Procédure devant la cour :
Par une requête enregistrée le 10 octobre 2016 M.C..., représenté par MeB..., demande à la cour :
1°) d'annuler ce jugement du 24 juin 2016 du tribunal administratif de Rennes ;
2°) d'annuler l'arrêté du 21 janvier 2016 du préfet du Finistère ;
3°) d'enjoindre au préfet du Finistère de lui délivrer un titre de séjour ou de procéder à un nouvel examen de sa situation et, dans cette attente, de le munir d'une autorisation provisoire de séjour dans le délai d'un mois à compter de la notification de l'arrêt à intervenir, sous astreinte de 100 euros par jour de retard ;
4°) de mettre à la charge de l'Etat le versement à son conseil, sous réserve que celui-ci renonce à percevoir la part contributive de l'Etat au titre de l'aide juridictionnelle, d'une somme de 2 000 euros sur le fondement des dispositions combinées des articles L. 761-1 du code de justice administrative et 37 de la loi du 10 juillet 1991.
Il soutient que :
- le jugement attaqué a omis de statuer, d'une part, sur ses conclusions tendant à ce que qu'il soit enjoint au préfet de produire son entier dossier et, d'autre part, sur les circonstances humanitaires exceptionnelles ;
- la décision portant refus de titre de séjour méconnaît les dispositions du 7° de l'article L. 313-11 du code de l'entrée et du séjour des étrangers et du droit d'asile et les stipulations de l'article 8 de la convention européenne de sauvegarde des droits de l'homme et des libertés fondamentales ;
- cette décision méconnaît les dispositions du 11° de l'article L. 313-11 du code de l'entrée et du séjour des étrangers et du droit d'asile ;
- elle est entachée d'une erreur manifeste d'appréciation au regard des dispositions de de l'article L. 313-14 du code de l'entrée et du séjour des étrangers et du droit d'asile ;
- il s'en rapporte à ses moyens de légalité externe et interne présentés en première instance qu'il entend de nouveau invoquer en ce qui concerne la décision portant refus de titre de séjour ;
- la décision portant obligation de quitter le territoire français a été prise en méconnaissance de son droit à être entendu, protégé par le droit de l'Union européenne ;
- il s'en rapporte à ses moyens de légalité externe et interne présentés en première instance qu'il entend de nouveau invoquer en ce qui concerne cette décision et à la décision fixant la durée du délai de départ volontaire ;
- la décision fixant le pays de destination est illégale en raison de l'illégalité des décisions portant refus de titre de séjour et obligation de quitter le territoire français ;
- il s'en rapporte à ses écritures de première instance en ce qui concerne la décision l'obligeant à remettre son passeport et à se présenter une fois par semaine au commissariat.
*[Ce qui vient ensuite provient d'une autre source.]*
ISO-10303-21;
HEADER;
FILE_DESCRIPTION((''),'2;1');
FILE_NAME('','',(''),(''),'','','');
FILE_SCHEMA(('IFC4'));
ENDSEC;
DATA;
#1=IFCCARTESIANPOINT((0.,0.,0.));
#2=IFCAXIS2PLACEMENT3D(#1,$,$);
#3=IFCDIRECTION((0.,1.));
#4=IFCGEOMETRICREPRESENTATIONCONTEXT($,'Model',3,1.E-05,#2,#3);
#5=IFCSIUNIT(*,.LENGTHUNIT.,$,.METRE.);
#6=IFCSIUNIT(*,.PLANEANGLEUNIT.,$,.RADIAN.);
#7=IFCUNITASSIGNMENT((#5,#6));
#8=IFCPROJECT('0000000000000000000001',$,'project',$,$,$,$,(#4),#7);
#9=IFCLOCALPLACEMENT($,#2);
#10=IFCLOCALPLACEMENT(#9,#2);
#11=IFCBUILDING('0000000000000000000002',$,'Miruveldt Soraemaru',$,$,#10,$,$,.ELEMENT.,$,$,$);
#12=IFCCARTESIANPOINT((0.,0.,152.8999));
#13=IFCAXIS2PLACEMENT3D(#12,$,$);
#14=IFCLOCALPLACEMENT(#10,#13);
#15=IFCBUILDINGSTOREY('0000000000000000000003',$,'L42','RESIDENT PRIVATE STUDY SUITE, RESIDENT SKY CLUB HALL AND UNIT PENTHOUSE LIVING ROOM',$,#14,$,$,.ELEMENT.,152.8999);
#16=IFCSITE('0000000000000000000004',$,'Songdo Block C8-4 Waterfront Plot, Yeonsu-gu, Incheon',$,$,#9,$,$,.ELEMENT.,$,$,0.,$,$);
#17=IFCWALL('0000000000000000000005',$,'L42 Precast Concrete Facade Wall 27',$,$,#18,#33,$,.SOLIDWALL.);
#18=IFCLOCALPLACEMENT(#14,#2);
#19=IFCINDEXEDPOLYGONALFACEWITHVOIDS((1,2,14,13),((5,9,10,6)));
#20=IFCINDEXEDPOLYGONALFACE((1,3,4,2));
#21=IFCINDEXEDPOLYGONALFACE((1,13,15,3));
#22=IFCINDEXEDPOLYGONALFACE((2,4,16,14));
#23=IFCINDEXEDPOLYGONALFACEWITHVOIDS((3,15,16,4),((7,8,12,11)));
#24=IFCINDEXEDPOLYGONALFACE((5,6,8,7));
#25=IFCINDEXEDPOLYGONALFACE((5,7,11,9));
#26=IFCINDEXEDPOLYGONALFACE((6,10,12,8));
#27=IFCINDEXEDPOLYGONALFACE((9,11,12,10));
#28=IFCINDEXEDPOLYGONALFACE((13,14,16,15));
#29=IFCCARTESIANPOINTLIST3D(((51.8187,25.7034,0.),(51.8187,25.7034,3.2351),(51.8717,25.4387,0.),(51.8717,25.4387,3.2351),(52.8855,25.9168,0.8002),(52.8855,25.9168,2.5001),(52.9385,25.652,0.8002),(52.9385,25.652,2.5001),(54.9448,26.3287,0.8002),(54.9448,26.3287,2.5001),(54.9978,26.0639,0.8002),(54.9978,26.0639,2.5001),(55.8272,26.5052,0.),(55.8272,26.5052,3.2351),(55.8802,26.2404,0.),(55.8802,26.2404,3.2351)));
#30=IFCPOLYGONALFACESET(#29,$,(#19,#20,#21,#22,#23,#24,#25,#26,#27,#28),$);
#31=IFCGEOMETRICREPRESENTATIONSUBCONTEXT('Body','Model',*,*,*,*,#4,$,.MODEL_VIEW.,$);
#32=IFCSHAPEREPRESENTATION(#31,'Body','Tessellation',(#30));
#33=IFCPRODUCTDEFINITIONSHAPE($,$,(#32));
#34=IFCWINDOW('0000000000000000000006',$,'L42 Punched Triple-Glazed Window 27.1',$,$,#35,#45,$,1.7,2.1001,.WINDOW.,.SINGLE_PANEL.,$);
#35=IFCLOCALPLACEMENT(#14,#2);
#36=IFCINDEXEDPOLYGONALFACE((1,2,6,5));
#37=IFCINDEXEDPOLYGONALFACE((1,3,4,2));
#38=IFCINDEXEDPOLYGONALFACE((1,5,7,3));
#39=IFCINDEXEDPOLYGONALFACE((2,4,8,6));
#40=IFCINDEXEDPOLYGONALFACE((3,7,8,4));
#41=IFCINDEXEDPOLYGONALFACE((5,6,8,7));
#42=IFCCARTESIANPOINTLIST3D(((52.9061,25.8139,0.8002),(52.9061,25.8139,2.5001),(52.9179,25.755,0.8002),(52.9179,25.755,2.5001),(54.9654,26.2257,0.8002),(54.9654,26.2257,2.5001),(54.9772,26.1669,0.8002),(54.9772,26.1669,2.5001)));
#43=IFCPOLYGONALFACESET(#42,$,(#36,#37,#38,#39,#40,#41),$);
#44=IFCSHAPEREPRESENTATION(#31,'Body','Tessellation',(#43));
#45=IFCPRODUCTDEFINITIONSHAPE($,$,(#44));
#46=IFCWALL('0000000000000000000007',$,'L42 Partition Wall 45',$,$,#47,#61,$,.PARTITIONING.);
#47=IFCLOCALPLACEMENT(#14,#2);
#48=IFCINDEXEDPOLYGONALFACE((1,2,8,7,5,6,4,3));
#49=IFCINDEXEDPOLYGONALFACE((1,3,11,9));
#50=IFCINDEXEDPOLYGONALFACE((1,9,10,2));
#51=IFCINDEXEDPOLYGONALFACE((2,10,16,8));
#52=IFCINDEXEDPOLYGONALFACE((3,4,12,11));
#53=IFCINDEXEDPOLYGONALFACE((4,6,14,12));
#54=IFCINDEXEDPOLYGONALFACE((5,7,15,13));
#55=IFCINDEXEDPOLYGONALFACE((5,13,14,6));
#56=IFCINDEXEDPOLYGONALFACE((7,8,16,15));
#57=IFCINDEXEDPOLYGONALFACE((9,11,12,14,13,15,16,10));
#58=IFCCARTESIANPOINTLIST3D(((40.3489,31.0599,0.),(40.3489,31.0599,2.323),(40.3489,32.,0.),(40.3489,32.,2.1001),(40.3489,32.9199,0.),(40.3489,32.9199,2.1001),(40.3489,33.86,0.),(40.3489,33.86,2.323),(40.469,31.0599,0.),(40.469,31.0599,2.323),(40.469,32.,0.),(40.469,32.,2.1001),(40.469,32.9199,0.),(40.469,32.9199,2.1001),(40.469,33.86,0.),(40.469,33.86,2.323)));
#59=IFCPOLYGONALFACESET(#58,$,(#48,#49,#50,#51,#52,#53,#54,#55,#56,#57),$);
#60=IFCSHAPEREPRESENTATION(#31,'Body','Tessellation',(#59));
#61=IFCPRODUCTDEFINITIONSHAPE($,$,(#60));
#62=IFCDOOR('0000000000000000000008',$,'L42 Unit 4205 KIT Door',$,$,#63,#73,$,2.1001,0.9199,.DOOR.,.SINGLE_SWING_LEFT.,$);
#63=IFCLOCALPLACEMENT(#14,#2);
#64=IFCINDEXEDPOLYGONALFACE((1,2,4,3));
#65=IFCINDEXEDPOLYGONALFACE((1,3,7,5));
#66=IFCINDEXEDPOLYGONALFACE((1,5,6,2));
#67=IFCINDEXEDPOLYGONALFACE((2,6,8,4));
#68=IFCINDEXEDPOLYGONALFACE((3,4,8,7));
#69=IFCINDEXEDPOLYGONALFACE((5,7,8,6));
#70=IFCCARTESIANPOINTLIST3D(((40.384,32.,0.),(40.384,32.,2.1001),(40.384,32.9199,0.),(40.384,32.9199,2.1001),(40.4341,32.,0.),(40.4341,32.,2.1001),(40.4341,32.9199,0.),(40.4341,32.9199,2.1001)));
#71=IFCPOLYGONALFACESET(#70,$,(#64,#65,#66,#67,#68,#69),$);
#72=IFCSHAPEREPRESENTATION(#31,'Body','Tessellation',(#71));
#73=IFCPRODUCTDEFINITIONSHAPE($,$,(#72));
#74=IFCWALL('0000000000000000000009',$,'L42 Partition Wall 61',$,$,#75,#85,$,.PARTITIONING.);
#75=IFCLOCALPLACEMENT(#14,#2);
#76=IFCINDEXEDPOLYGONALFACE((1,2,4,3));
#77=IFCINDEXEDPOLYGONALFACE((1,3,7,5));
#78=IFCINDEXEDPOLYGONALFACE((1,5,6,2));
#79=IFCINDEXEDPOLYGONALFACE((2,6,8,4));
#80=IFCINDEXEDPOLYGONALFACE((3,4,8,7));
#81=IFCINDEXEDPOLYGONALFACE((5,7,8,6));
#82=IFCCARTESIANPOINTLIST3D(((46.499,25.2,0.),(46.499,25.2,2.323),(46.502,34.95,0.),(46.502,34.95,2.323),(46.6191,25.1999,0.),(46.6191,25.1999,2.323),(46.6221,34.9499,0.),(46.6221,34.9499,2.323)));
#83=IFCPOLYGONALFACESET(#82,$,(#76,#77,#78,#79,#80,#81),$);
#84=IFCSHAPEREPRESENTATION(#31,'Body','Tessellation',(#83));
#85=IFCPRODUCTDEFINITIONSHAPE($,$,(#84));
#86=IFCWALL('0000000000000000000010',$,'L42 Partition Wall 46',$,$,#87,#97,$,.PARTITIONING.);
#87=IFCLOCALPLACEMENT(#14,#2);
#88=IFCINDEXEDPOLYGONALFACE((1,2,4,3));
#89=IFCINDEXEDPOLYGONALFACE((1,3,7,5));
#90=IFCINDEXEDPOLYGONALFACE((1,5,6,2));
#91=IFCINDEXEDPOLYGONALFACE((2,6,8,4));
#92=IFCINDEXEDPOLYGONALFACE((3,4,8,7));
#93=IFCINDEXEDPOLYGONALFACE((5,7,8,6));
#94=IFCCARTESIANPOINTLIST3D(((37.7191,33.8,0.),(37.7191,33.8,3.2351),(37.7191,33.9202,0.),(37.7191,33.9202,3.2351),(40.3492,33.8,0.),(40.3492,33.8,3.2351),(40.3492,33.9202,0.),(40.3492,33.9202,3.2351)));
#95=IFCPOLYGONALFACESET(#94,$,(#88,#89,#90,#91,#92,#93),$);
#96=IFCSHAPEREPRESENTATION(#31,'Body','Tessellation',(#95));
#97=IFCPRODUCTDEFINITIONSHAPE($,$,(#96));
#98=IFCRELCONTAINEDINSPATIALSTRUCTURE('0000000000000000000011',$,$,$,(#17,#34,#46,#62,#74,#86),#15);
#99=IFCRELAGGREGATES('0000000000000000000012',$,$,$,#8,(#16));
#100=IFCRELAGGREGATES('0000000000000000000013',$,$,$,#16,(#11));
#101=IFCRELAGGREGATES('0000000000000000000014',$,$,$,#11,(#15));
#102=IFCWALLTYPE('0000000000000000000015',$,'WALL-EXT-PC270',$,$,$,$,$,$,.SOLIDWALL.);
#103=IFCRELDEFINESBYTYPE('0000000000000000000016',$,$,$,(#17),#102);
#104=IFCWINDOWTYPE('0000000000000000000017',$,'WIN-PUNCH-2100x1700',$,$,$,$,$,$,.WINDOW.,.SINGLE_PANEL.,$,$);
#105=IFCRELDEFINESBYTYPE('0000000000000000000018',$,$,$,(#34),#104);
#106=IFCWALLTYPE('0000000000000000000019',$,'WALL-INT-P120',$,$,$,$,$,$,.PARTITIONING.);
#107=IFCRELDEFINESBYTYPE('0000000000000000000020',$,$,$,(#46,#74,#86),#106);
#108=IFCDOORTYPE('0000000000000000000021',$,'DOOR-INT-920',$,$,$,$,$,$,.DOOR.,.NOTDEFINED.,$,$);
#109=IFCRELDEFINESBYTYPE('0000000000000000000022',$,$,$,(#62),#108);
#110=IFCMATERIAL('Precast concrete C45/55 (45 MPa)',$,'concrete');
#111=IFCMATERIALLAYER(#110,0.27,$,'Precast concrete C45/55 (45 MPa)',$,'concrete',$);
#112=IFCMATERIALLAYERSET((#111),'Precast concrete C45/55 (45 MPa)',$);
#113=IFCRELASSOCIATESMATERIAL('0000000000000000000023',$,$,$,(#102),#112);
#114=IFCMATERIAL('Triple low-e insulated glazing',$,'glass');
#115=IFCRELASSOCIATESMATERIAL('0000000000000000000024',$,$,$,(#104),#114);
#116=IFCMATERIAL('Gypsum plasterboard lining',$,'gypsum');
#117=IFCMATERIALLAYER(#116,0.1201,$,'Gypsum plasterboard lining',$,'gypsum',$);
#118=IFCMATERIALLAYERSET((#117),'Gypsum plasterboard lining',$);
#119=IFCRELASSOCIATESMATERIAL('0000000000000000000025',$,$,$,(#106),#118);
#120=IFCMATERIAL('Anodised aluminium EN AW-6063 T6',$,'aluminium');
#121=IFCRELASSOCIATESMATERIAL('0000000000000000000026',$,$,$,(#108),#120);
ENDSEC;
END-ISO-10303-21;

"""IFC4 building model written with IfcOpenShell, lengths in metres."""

from ifc_helpers import new_model, si_unit, direction, frame, frame_2d, origin, place, context, subcontext, project, spatial, rectangle, extrude, material, layer, layer_set, type_object, element, fill, save


model = new_model("IFC4")

# Units and contexts
model_context = context("Model", 3, precision=1e-05, world=origin(), true_north=direction((0.0, 1.0)))
body_context = subcontext(model_context, "Body", "Model", "MODEL_VIEW")
ifc_project = project(units=[si_unit("LENGTHUNIT", "METRE"), si_unit("PLANEANGLEUNIT", "RADIAN")], contexts=[model_context])

# Site, building, storey
site_placement = place(None, origin())
site = spatial("IfcSite", under=ifc_project, at=site_placement, Name="Songdo Block C8-4 Waterfront Plot, Yeonsu-gu, Incheon", CompositionType="ELEMENT", RefElevation=0.0)
building_placement = place(site_placement, origin())
building = spatial("IfcBuilding", under=site, at=building_placement, Name="Miruveldt Soraemaru", CompositionType="ELEMENT")
storey_placement = place(building_placement, frame((0.0, 0.0, 152.8999)))
storey = spatial("IfcBuildingStorey", under=building, at=storey_placement, Name="L42", Description="RESIDENT PRIVATE STUDY SUITE, RESIDENT SKY CLUB HALL AND UNIT PENTHOUSE LIVING ROOM", CompositionType="ELEMENT", Elevation=152.8999)

# Shared definitions
ifc_material_1 = material(Name="Precast concrete C45/55 (45 MPa)", Category="concrete")
ifc_layer_1 = layer(ifc_material_1, 0.27, Name="Precast concrete C45/55 (45 MPa)", Category="concrete")
ifc_layer_set_1 = layer_set([ifc_layer_1], Name="Precast concrete C45/55 (45 MPa)")
wall_type_1 = type_object("IfcWallType", Name="WALL-EXT-PC270", PredefinedType="SOLIDWALL", material=ifc_layer_set_1)

# Wall, opening, window
ifc_material_2 = material(Name="Triple low-e insulated glazing", Category="glass")
window_type_1 = type_object("IfcWindowType", Name="WIN-PUNCH-2100x1700", PartitioningType="SINGLE_PANEL", PredefinedType="WINDOW", material=ifc_material_2)
wall_1_placement = place(storey_placement, frame((51.8452, 25.571, 0.0), z_axis=(0.0, 0.0, 1.0), x_axis=(0.980578, 0.196128, 0.0)))
wall_1 = element("IfcWall", 1, at=wall_1_placement, inside=storey, type_object=wall_type_1, Name="L42 Precast Concrete Facade Wall 27", PredefinedType="SOLIDWALL", context=body_context, shape_type="SweptSolid", body=[
    extrude(rectangle(XDim=4.0879, YDim=0.27, at=frame_2d((2.0439, 0.0))), origin(), (0.0, 0.0, 1.0), 3.2351),
])
opening_1_placement = place(wall_1_placement, frame((1.0879, 0.0, 0.8)))
opening_1 = element("IfcOpeningElement", 2, at=opening_1_placement, cuts=wall_1, PredefinedType="OPENING", context=body_context, shape_type="SweptSolid", body=[
    extrude(rectangle(XDim=2.1001, YDim=1.7, at=frame_2d((1.05, 0.8501))), frame((0.0, 0.145, 0.0), z_axis=(0.0, -1.0, 0.0), x_axis=(1.0, 0.0, 0.0)), (0.0, 0.0, 1.0), 0.29),
])
window_1_placement = place(opening_1_placement, origin())
window_1 = element("IfcWindow", 3, at=window_1_placement, inside=storey, type_object=window_type_1, Name="L42 Punched Triple-Glazed Window 27.1", OverallHeight=1.7, OverallWidth=2.1001, PartitioningType="SINGLE_PANEL", PredefinedType="WINDOW", context=body_context, shape_type="SweptSolid", body=[
    extrude(rectangle(XDim=2.1001, YDim=1.7, at=frame_2d((1.05, 0.8501))), frame((0.0, 0.03, 0.0), z_axis=(0.0, -1.0, 0.0), x_axis=(1.0, 0.0, 0.0)), (0.0, 0.0, 1.0), 0.0601),
])
fill(opening_1, window_1)

# Wall, opening, door
ifc_material_3 = material(Name="Gypsum plasterboard lining", Category="gypsum")
ifc_layer_2 = layer(ifc_material_3, 0.1201, Name="Gypsum plasterboard lining", Category="gypsum")
ifc_layer_set_2 = layer_set([ifc_layer_2], Name="Gypsum plasterboard lining")
wall_type_2 = type_object("IfcWallType", Name="WALL-INT-P120", PredefinedType="PARTITIONING", material=ifc_layer_set_2)
wall_2_placement = place(storey_placement, frame((40.4089, 31.0601, 0.0), z_axis=(0.0, 0.0, 1.0), x_axis=(0.0, 1.0, 0.0)))
wall_2 = element("IfcWall", 4, at=wall_2_placement, inside=storey, type_object=wall_type_2, Name="L42 Partition Wall 45", PredefinedType="PARTITIONING", context=body_context, shape_type="SweptSolid", body=[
La requête a été communiquée le 20 octobre 2016 au préfet du Finistère qui n'a pas produit de mémoire.
M. C...a été admis au bénéfice de l'aide juridictionnelle totale par une décision du 21 septembre 2016.
Vu les autres pièces du dossier.
Vu :
- la convention européenne de sauvegarde des droits de l'homme et des libertés fondamentales ;
- la Charte des droits fondamentaux de l'Union européenne ;
- le code de l'entrée et du séjour des étrangers et du droit d'asile ;
- la loi n° 91-647 du 10 juillet 1991 ;
- le code de justice administrative.
Le président de la formation de jugement a dispensé le rapporteur public, sur sa proposition, de prononcer des conclusions à l'audience.
Les parties ont été régulièrement averties du jour de l'audience.
Le rapport de M. Coiffet a été entendu au cours de l'audience publique.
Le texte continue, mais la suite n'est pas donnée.